Broken-link record (one per failure)

{
  "url": "https://example.com/old-blog-post",
  "sourcePage": "https://apify.com/blog/index",
  "anchorText": "Read more",
  "linkType": "external",
  "linkDomain": "example.com",
  "isExternalLink": true,
  "httpStatus": 404,
  "errorReason": "not_found",
  "proxyRecheckStatus": 404,
  "scrapedAt": "2024-12-16T14:23:11+00:00"
}

Summary record (always emitted last)

{
  "_recordType": "summary",
  "startUrl": "https://apify.com",
  "pagesCrawled": 12,
  "linksDiscovered": 480,
  "linksChecked": 480,
  "brokenCount": 3,
  "okCount": 477,
  "breakdown": {"not_found": 2, "server_error": 1},
  "maxCrawlDepth": 1,
  "checkExternalLinks": true,
  "scrapedAt": "2024-12-16T14:23:18+00:00"
}

Output fields

url — the broken link's absolute URL.
sourcePage — page where the link was first discovered.
anchorText — visible text of the <a> element (when present).
linkType — "internal" (same host as start URL) or "external".
linkDomain — derived hostname of the broken url (lowercase, includes any port).
isExternalLink — derived boolean: true when the broken link's host differs from sourcePage's host.
httpStatus — HTTP status code (omitted for network errors / timeouts).
errorReason — one of:
- not_found (404), gone (410), forbidden (403), unauthorized (401), server_error (5xx), client_error_<NNN> (other 4xx)
- timeout, dns_error, connection_refused, tls_error, redirect_loop, network_error
proxyRecheckStatus — only present when verifyWithProxy: true triggered a retry. Shows the status returned via residential proxy (use this to distinguish real broken links from anti-bot blocks).
scrapedAt — ISO-8601 timestamp.

Use cases

SEO audits — every broken link costs link equity and damages user trust.
Site migration validation — after a CMS move, find the URLs that didn't get redirected.
Editorial QA — catch dead links in blog content, reference pages, footer navigation.
Internal-tools health — spot broken links to deprecated wikis, retired tools, expired SSO redirects.

FAQ

Does it need a proxy? For the bulk crawl, no — the actor uses curl_cffi with a Chrome User-Agent from a datacenter IP. Optionally, when verifyWithProxy: true (default), any link that returns 401 / 403 / 405 / 429 / 451 is retried once via Apify residential proxy.
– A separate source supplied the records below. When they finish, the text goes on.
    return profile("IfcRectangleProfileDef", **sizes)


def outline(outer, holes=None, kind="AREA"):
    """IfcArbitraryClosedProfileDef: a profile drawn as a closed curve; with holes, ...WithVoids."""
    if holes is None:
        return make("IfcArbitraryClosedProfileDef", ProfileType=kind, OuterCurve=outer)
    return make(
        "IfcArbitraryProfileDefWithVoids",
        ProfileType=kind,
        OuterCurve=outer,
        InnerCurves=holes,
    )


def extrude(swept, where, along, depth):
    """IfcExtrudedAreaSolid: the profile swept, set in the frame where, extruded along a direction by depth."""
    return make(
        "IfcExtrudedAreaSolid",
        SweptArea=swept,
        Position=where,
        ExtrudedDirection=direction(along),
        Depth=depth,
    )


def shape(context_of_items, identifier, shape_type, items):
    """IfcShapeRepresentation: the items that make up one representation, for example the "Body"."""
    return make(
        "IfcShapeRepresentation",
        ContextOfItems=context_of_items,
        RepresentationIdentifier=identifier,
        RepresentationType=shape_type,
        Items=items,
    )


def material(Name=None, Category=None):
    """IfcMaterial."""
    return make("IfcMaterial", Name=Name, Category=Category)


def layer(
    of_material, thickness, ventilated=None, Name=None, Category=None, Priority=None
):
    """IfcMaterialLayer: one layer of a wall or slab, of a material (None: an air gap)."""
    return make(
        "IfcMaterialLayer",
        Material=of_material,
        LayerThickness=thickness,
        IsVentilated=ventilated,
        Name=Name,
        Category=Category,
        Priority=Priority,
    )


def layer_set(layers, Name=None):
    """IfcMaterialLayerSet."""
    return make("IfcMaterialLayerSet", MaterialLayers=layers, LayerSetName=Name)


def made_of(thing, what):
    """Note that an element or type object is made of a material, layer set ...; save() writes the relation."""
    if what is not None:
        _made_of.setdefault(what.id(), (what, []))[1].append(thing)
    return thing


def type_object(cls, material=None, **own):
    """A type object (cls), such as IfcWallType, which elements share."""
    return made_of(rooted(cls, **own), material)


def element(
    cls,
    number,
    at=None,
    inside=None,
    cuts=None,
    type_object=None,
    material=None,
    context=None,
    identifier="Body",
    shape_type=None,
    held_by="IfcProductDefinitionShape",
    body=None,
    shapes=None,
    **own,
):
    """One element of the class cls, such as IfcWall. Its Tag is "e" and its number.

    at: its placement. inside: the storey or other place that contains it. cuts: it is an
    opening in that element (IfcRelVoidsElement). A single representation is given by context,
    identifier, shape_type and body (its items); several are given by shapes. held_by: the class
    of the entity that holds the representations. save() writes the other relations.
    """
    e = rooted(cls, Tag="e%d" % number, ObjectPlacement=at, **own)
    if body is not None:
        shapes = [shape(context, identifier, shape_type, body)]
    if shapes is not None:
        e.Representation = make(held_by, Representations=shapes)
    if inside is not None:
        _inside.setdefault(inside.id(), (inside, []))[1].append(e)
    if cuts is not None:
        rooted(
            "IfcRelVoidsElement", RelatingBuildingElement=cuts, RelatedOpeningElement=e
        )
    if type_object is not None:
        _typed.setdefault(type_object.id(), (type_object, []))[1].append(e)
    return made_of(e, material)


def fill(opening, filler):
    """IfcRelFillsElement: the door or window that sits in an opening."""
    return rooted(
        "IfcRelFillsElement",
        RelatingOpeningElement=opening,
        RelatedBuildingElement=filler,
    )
If that retry succeeds, the link is treated as OK — this eliminates the false positives that used to surface from sites like G2, Capterra, or rate-limited APIs. The retried status is surfaced as proxyRecheckStatus so you can see both checks.

HEAD vs GET — which is used? HEAD first (saves bandwidth). If a server returns 405 or 501, the actor falls back to GET and uses that status instead.

Will it follow redirects? Yes — allow_redirects=True for both HEAD and GET. The final status is what gets recorded.

Can I limit it to internal links only? Set checkExternalLinks: false. The actor still walks the same-host graph for discovery but only probes internal links.

Why is the dataset never empty? Even when no broken links are found, a _recordType: "summary" record is emitted with run stats. This keeps Apify's daily-test happy and gives you a quick health pulse for the site.

My start URL has thousands of pages — will this finish in time? Use maxPages and maxCrawlDepth to keep runs bounded. For large sites, consider running with maxCrawlDepth: 0 first to audit the start page's links, then expand outward.

The summary says brokenCount: 0 but I know some links are dead.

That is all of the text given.